A month ago, we were given the opportunity to play with tool , which with the help of a machine learning model makes beautiful pixel art out of portraits. This is fun, but it’s hard to imagine the wide scope of this technology. But the tool, which produces the opposite effect, was immediately very interested in the public. Using a facial depixelizer, in theory it will be possible to establish a person’s identity by video recording from outdoor surveillance cameras.
ITKarma picture


If working with pixel images is not enough, and you need to compose a photo with a portrait of a person using a primitive outline, then a DNN-based tool has already appeared for this. According to the creators, only general styles are needed, and not professional sketches - the model itself will restore the person’s face, which will coincide with the outline. The system was created using the Jittor framework, as the creators promise, the source code on Pytorch will also be added to the project repository soon.

ITKarma picture


With face reconstructions figured out, what about the rest of the body? Thanks to the development of DNN, 3D modeling of a human figure based on a two-dimensional photo has become possible. The main limitation was due to the fact that accurate forecasts require analysis of a wide context and high-resolution source data.
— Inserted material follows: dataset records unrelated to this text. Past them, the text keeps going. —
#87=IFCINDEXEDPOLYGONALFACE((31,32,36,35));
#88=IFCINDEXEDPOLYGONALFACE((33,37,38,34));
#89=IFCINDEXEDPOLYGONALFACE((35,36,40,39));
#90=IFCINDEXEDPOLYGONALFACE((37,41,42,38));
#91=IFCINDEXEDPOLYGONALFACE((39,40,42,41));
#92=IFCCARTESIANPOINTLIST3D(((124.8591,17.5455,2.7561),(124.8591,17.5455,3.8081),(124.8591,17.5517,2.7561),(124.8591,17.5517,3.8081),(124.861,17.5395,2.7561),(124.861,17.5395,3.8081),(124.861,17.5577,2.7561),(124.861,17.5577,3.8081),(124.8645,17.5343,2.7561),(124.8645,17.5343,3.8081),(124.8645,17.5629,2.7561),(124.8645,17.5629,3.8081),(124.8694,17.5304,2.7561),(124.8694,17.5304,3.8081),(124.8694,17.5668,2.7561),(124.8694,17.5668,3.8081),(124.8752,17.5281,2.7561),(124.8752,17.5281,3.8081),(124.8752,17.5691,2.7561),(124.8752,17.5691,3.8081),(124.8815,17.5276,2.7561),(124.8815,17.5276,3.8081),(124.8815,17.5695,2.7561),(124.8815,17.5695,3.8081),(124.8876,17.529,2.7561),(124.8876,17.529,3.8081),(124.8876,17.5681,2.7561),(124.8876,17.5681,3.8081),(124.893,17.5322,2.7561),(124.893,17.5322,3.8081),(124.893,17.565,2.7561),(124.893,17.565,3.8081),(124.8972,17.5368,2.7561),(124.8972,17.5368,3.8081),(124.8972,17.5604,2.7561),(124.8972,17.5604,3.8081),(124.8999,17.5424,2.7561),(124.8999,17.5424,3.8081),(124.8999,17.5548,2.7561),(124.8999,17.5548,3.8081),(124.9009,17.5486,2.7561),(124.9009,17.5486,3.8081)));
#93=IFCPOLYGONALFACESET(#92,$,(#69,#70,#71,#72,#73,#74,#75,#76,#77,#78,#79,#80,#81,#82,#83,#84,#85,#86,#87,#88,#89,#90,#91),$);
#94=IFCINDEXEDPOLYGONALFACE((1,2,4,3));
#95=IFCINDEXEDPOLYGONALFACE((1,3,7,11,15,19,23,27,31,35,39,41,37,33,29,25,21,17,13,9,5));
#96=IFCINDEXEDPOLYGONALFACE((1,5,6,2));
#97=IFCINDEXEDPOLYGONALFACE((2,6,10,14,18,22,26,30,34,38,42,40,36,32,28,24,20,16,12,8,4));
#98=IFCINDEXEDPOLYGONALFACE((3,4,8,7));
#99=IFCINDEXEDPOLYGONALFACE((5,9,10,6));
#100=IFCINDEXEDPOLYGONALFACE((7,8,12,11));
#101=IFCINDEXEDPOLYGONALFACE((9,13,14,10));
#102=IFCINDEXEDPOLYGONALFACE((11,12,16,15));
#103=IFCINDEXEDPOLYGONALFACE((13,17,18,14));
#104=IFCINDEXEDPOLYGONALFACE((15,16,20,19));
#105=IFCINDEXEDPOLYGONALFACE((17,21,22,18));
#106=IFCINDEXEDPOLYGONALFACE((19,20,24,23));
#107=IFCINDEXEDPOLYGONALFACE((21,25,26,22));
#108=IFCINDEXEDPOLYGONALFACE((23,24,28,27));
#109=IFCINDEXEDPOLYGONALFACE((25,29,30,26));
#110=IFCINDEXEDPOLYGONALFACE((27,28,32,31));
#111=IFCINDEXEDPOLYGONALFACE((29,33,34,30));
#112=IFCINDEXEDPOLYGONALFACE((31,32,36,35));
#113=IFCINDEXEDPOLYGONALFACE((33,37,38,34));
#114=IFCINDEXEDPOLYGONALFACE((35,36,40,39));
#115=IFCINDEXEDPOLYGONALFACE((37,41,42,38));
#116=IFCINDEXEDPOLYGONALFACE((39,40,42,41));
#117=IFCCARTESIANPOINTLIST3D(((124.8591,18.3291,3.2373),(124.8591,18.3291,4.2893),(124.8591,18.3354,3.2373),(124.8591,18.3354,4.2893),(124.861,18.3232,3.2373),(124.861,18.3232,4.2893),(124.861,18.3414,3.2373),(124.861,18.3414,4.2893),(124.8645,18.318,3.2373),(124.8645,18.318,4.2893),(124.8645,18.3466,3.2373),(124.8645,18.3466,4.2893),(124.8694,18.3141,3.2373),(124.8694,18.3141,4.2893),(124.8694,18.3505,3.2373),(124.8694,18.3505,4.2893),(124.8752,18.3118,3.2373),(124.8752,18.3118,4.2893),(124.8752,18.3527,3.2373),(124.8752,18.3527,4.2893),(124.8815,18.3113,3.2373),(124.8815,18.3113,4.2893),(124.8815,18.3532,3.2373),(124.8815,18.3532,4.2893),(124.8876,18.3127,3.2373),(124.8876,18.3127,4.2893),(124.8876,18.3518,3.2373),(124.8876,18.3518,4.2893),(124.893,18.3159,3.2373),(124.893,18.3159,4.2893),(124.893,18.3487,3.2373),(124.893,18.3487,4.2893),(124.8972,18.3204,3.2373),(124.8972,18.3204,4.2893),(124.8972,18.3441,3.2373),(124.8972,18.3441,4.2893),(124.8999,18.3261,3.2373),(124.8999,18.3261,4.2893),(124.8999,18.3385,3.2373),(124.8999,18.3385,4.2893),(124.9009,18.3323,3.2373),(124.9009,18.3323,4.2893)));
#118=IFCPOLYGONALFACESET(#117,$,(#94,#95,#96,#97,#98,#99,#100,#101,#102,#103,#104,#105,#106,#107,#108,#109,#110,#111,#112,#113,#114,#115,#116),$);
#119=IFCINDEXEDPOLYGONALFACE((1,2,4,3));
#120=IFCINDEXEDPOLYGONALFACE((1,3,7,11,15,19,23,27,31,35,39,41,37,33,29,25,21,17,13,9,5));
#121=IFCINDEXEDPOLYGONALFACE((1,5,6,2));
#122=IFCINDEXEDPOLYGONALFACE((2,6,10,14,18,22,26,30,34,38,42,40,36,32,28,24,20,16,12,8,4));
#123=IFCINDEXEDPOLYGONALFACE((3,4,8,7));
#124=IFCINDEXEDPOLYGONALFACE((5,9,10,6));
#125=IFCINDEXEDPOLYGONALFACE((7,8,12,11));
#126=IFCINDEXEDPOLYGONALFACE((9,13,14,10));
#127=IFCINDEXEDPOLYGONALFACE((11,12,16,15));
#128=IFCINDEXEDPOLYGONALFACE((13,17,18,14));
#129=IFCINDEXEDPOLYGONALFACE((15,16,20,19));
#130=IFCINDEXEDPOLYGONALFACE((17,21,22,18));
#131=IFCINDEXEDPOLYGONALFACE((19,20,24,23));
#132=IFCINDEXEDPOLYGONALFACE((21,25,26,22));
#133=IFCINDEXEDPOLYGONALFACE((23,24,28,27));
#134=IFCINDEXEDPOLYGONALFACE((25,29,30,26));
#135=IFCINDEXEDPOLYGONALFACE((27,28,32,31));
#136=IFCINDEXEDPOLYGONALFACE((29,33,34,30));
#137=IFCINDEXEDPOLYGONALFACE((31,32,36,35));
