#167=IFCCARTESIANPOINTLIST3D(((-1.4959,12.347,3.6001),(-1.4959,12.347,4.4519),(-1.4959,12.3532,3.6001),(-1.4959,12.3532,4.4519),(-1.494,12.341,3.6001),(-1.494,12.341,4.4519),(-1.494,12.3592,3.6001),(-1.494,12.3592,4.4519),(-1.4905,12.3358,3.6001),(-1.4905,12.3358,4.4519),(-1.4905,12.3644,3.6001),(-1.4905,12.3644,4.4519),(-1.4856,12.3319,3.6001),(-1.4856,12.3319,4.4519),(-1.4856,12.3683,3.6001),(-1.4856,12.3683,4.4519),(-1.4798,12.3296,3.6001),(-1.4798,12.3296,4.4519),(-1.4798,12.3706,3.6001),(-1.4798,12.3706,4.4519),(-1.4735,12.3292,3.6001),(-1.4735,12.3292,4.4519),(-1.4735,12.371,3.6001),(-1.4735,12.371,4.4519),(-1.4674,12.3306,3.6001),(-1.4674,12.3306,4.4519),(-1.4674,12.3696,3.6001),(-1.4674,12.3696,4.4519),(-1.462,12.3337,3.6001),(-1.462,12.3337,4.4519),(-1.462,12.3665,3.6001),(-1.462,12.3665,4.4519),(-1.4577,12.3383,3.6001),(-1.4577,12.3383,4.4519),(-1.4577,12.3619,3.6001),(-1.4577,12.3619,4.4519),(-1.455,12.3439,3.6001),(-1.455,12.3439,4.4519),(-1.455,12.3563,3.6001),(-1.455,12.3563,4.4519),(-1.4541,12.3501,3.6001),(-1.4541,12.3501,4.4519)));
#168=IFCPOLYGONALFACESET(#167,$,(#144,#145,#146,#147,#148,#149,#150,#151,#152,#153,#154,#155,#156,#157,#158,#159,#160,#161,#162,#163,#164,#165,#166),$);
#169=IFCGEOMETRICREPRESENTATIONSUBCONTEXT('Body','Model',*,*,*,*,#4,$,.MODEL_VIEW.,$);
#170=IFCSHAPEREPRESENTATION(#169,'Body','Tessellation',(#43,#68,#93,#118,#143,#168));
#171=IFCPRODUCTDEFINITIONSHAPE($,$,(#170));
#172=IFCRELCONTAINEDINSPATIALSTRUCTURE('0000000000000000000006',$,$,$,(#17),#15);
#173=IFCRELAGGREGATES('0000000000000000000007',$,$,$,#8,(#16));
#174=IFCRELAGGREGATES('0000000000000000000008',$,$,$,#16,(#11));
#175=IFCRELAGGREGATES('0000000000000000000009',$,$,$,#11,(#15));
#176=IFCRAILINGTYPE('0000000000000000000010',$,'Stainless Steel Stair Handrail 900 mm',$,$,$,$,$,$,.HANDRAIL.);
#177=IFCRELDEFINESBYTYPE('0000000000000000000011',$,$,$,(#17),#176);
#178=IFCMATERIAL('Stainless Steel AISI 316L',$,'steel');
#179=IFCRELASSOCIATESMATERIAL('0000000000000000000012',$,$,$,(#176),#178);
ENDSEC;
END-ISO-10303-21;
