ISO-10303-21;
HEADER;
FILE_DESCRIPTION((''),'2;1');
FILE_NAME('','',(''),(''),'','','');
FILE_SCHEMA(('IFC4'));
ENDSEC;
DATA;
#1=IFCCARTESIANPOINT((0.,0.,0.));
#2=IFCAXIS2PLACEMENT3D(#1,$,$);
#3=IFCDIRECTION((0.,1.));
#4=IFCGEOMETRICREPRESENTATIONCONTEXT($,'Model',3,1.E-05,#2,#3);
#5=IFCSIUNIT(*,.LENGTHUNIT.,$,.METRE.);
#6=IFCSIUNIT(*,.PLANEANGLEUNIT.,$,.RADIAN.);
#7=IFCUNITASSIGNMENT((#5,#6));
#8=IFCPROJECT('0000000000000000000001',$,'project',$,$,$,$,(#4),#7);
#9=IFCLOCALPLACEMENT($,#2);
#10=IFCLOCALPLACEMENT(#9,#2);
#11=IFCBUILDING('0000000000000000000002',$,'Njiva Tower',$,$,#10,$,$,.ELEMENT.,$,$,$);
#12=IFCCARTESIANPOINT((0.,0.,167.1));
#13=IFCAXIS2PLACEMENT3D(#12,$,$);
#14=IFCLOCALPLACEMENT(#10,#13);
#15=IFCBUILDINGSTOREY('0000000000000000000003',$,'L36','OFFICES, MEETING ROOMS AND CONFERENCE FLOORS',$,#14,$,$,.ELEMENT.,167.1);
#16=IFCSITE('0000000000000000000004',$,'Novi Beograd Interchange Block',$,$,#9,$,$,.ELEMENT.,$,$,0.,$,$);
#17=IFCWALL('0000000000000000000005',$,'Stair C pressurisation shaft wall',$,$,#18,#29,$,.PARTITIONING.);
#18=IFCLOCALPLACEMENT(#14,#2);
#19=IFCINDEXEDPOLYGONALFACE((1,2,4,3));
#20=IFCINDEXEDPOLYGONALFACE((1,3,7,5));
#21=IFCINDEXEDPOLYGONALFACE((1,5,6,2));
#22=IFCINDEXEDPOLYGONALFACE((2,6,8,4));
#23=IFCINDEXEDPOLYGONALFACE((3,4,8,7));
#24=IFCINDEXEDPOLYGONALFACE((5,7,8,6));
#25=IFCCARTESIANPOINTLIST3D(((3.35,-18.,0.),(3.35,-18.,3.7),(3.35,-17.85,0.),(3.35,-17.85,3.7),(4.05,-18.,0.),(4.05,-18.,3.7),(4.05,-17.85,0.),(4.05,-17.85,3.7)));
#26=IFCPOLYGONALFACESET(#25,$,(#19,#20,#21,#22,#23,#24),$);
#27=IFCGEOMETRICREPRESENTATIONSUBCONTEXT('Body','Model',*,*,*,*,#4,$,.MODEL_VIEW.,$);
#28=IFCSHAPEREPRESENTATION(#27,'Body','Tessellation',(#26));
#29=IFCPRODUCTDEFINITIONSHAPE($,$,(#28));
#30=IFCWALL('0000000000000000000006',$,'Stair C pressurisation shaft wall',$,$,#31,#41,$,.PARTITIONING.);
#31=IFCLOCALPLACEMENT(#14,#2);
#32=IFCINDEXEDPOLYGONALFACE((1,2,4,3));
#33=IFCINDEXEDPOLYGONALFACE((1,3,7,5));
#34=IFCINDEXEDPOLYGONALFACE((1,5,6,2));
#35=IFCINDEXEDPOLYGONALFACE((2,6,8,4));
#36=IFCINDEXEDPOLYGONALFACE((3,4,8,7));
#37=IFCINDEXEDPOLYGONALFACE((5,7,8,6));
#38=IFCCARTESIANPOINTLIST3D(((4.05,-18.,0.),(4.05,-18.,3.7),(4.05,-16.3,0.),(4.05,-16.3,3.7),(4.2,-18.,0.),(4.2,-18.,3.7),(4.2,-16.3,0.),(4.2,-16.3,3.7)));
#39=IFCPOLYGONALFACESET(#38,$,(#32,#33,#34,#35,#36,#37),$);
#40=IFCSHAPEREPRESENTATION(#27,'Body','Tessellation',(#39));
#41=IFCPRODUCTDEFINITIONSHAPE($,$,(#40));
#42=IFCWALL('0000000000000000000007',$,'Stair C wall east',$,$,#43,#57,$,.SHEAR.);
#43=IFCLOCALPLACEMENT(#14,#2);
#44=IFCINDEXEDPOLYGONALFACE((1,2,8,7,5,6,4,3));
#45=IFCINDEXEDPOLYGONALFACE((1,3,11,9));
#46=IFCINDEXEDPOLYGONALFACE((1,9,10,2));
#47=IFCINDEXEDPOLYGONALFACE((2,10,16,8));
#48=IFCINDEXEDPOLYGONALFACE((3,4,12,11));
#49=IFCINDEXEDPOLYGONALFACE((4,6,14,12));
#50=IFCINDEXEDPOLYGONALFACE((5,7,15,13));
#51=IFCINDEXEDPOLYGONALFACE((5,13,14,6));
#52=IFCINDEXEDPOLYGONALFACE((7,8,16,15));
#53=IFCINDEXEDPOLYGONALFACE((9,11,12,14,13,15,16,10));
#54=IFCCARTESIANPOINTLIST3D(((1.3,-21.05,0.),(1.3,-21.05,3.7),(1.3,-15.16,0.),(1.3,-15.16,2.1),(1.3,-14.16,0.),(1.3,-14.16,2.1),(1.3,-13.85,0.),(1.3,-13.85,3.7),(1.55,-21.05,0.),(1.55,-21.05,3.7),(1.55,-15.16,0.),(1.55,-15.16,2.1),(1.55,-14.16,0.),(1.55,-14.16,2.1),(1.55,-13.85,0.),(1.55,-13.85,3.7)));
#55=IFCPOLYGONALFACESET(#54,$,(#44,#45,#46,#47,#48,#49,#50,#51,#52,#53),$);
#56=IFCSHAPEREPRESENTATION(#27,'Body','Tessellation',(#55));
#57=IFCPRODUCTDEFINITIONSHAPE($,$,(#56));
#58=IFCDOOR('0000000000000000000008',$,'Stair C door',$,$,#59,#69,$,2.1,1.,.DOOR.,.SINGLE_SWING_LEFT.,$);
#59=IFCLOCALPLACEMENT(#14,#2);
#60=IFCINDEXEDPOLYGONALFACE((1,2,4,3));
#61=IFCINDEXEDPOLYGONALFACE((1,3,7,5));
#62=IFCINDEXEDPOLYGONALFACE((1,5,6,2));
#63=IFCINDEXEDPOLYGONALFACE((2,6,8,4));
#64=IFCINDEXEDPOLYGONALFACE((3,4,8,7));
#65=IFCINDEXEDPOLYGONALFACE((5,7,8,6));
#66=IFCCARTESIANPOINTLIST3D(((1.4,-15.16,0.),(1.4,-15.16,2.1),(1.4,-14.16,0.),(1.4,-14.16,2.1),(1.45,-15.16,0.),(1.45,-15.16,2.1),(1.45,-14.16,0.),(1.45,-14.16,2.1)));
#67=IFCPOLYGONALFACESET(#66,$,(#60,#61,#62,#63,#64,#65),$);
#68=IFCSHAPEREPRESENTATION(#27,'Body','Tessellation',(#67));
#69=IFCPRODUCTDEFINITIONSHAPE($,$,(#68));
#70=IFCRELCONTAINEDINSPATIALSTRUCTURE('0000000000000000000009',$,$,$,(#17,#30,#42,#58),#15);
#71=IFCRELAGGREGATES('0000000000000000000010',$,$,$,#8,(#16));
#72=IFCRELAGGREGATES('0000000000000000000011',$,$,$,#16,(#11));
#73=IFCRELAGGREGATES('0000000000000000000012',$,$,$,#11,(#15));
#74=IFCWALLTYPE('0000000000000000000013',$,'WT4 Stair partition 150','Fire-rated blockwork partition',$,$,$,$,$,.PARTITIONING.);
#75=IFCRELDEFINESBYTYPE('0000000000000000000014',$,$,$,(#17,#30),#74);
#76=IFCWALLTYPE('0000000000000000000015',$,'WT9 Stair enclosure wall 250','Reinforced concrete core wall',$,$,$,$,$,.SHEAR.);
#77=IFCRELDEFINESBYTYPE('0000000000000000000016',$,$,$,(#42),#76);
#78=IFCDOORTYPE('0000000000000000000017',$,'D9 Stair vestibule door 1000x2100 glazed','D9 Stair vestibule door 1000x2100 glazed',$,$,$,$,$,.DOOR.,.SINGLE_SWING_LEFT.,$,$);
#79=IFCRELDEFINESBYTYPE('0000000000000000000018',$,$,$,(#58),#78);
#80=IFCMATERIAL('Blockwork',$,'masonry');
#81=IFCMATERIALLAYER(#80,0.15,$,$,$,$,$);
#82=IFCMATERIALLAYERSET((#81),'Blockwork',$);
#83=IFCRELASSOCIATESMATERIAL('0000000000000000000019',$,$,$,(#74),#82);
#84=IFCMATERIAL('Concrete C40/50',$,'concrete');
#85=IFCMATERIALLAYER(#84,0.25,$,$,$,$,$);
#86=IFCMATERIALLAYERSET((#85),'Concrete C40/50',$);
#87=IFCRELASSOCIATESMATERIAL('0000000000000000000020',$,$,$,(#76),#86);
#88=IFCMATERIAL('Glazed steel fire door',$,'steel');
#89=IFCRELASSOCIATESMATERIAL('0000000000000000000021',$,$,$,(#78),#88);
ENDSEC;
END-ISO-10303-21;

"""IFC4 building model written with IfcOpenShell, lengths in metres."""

from ifc_helpers import new_model, si_unit, direction, frame, frame_2d, origin, place, context, subcontext, project, spatial, rectangle, extrude, material, layer, layer_set, type_object, element, fill, save


model = new_model("IFC4")

# Units and contexts
model_context = context("Model", 3, precision=1e-05, world=origin(), true_north=direction((0.0, 1.0)))
body_context = subcontext(model_context, "Body", "Model", "MODEL_VIEW")
ifc_project = project(units=[si_unit("LENGTHUNIT", "METRE"), si_unit("PLANEANGLEUNIT", "RADIAN")], contexts=[model_context])

# Site, building, storey
site_placement = place(None, origin())
site = spatial("IfcSite", under=ifc_project, at=site_placement, Name="Novi Beograd Interchange Block", CompositionType="ELEMENT", RefElevation=0.0)
building_placement = place(site_placement, origin())
building = spatial("IfcBuilding", under=site, at=building_placement, Name="Njiva Tower", CompositionType="ELEMENT")
storey_placement = place(building_placement, frame((0.0, 0.0, 167.1)))
storey = spatial("IfcBuildingStorey", under=building, at=storey_placement, Name="L36", Description="OFFICES, MEETING ROOMS AND CONFERENCE FLOORS", CompositionType="ELEMENT", Elevation=167.1)

# Walls
ifc_material_1 = material(Name="Blockwork", Category="masonry")
ifc_layer_1 = layer(ifc_material_1, 0.15)
ifc_layer_set_1 = layer_set([ifc_layer_1], Name="Blockwork")
wall_type_1 = type_object("IfcWallType", Name="WT4 Stair partition 150", Description="Fire-rated blockwork partition", PredefinedType="PARTITIONING", material=ifc_layer_set_1)
wall_1_placement = place(storey_placement, frame((3.35, -17.925, 0.0), z_axis=(0.0, 0.0, 1.0), x_axis=(1.0, 0.0, 0.0)))
element("IfcWall", 1, at=wall_1_placement, inside=storey, type_object=wall_type_1, Name="Stair C pressurisation shaft wall", PredefinedType="PARTITIONING", context=body_context, shape_type="SweptSolid", body=[
    extrude(rectangle(XDim=0.7, YDim=0.15, at=frame_2d((0.35, 0.0))), origin(), (0.0, 0.0, 1.0), 3.7),
])
wall_2_placement = place(storey_placement, frame((4.125, -18.0, 0.0), z_axis=(0.0, 0.0, 1.0), x_axis=(0.0, 1.0, 0.0)))
element("IfcWall", 2, at=wall_2_placement, inside=storey, type_object=wall_type_1, Name="Stair C pressurisation shaft wall", PredefinedType="PARTITIONING", context=body_context, shape_type="SweptSolid", body=[
    extrude(rectangle(XDim=1.7, YDim=0.15, at=frame_2d((0.85, 0.0))), origin(), (0.0, 0.0, 1.0), 3.7),
])

# Wall, opening, door
ifc_material_2 = material(Name="Concrete C40/50", Category="concrete")
ifc_layer_2 = layer(ifc_material_2, 0.25)
ifc_layer_set_2 = layer_set([ifc_layer_2], Name="Concrete C40/50")
wall_type_2 = type_object("IfcWallType", Name="WT9 Stair enclosure wall 250", Description="Reinforced concrete core wall", PredefinedType="SHEAR", material=ifc_layer_set_2)
wall_3_placement = place(storey_placement, frame((1.425, -21.05, 0.0), z_axis=(0.0, 0.0, 1.0), x_axis=(0.0, 1.0, 0.0)))
wall_3 = element("IfcWall", 3, at=wall_3_placement, inside=storey, type_object=wall_type_2, Name="Stair C wall east", PredefinedType="SHEAR", context=body_context, shape_type="SweptSolid", body=[
    extrude(rectangle(XDim=7.2, YDim=0.25, at=frame_2d((3.6, 0.0))), origin(), (0.0, 0.0, 1.0), 3.7),
])
opening_1_placement = place(wall_3_placement, frame((5.89, 0.0, 0.0)))
opening_1 = element("IfcOpeningElement", 4, at=opening_1_placement, cuts=wall_3, PredefinedType="OPENING", context=body_context, shape_type="SweptSolid", body=[
    extrude(rectangle(XDim=1.0, YDim=2.1, at=frame_2d((0.5, 1.05))), frame((0.0, 0.135, 0.0), z_axis=(0.0, -1.0, 0.0), x_axis=(1.0, 0.0, 0.0)), (0.0, 0.0, 1.0), 0.27),
])
ifc_material_3 = material(Name="Glazed steel fire door", Category="steel")
door_type = type_object("IfcDoorType", Name="D9 Stair vestibule door 1000x2100 glazed", Description="D9 Stair vestibule door 1000x2100 glazed", OperationType="SINGLE_SWING_LEFT", PredefinedType="DOOR", material=ifc_material_3)
door_placement = place(opening_1_placement, origin())
door = element("IfcDoor", 5, at=door_placement, inside=storey, type_object=door_type, Name="Stair C door", OperationType="SINGLE_SWING_LEFT", OverallHeight=2.1, OverallWidth=1.0, PredefinedType="DOOR", context=body_context, shape_type="SweptSolid", body=[
    extrude(rectangle(XDim=1.0, YDim=2.1, at=frame_2d((0.5, 1.05))), frame((0.0, 0.025, 0.0), z_axis=(0.0, -1.0, 0.0), x_axis=(1.0, 0.0, 0.0)), (0.0, 0.0, 1.0), 0.05),
])
fill(opening_1, door)

save(model, "model.ifc")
The multi-level architecture of the model and the ability for end-to-end learning will help solve this problem. At the first level, to save resources, the whole image is analyzed in low resolution. After this, the context is formed, and at a more detailed level, the model evaluates the geometry by analyzing a high-resolution image.

ITKarma picture


Many of the things that surround us consist of cycles of varying periodicity. Often, in order to understand the essence of a phenomenon, it is necessary to analyze information about its recurring manifestations. Given the capabilities of video recording, it is no longer difficult to record repetitions, the problem was their calculation. The method of frame-by-frame comparison of pixel densities in a frame was often not suitable due to camera shake or obstruction by objects, as well as a sharp difference in scale and shape when approaching and moving away. Now this problem is solved by a model developed by Google. It identifies repetitive actions in the video, including those that were not used in training.As a result, the model returns data on the frequency of repetitive actions recognized on the video. Cola is already available .

ITKarma picture

SPICE model

Previously, in order to determine the pitch, you had to rely on manually-created complex signal processing algorithms. The biggest difficulty was to separate the sound being studied from the background noise or the sound of accommodating instruments. Now a pre-trained model is available for this task, which determines high and low frequencies. The model is available for use on the web and on mobile devices.

Social distance detector

A case for creating a program with which you can monitor whether people observe social distance. The author tells in detail how he chose a pre-trained model, how he coped with the task of recognizing people, and how, using OpenCV, he converted the image into an orthographic projection in order to calculate the distance between people. You can also read more about the source code of the project.

ITKarma picture

Recognition of sample documents

Today, there are thousands of variations of the most common template documents such as receipts, bills and checks. Existing automated systems that are designed to work with a very limited type of template. Google suggests using machine learning for this. The article discusses the architecture of the model and the results of the data. Soon, the tool will become part of the Document AI service.

How to create a scalable Pipeline of development and deployment of machine learning algorithms for contactless retail

Israeli startup Trigo shares its experience of using machine learning and computer vision for take-and-go retail. The company is a supplier of a system that allows stores to operate without a cash register. The authors tell what tasks they faced and explain why they chose PyTorch as a framework for machine learning, Allegro AI Trains for infrastructure and how they managed to set up the development process.

That's all, thank you for your attention !.